Simplifying antibody conjugation processes

Thursday, 10 September, 2009 | Supplied by:

While almost all antibody-based detection techniques require a label of some description which confers measurability, the vast majority of commercially available antibodies are not labelled.

By covalently attaching the label directly to the primary antibody it is possible to overcome the difficulties of using an indirect detection method and secondary antibody, thus reducing the complexity of immunoassays.

Innova Biosciences has developed a conjugation technology called Lightning-Link that eliminates almost all of the steps employed in a traditional conjugation process. The elimination of column separations from Innova’s process has probably had the greatest impact.

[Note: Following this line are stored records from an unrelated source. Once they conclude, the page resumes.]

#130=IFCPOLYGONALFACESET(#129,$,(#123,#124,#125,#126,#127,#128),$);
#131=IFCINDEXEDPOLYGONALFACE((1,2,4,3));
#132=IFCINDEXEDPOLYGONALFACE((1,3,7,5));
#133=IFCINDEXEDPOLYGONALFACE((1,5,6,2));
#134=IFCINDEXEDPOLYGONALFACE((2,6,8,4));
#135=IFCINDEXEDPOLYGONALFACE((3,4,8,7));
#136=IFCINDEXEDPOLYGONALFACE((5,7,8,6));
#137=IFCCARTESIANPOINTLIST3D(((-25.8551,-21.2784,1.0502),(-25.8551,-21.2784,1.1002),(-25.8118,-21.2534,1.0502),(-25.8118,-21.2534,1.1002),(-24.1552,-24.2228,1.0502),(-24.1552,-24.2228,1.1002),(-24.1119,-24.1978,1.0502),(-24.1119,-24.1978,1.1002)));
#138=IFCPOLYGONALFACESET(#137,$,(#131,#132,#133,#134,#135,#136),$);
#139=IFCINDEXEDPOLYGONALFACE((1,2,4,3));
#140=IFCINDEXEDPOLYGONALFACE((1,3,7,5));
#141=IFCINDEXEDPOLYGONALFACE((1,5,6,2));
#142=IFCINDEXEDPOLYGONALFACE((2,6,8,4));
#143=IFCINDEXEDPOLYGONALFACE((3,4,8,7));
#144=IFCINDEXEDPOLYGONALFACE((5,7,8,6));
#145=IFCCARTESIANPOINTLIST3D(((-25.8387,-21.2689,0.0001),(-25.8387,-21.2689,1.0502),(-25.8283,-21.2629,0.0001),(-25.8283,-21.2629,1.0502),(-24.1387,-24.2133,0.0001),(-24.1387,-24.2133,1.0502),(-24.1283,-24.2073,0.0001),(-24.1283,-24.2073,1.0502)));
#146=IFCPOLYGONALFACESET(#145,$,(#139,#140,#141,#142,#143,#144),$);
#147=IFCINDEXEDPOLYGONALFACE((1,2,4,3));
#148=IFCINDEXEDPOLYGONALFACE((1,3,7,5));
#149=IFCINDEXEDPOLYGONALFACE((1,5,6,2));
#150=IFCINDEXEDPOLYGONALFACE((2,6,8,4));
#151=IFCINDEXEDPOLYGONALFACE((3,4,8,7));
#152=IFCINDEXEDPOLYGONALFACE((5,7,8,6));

Issues that have beset traditional conjugation procedures - losses of material, sample dilution, batch-to-batch variation and difficulties in scaling up - have now been removed. The approach is also tolerant of sodium azide and BSA.

The labels presently available in the one-step Lightning-Link format include enzymes (horseradish peroxidase, glucose oxidase and alkaline phosphatase), fluorescent proteins (phycoerythrin, allophycocyanin, PerCP), streptavidin, biotin and fluorescent dyes that cover the entire visible spectrum.

Recently oligonucleotides have also been integrated into the Lightning-Link format, allowing the development of reagents for use in ultra-sensitive immuno-PCR diagnostics tests.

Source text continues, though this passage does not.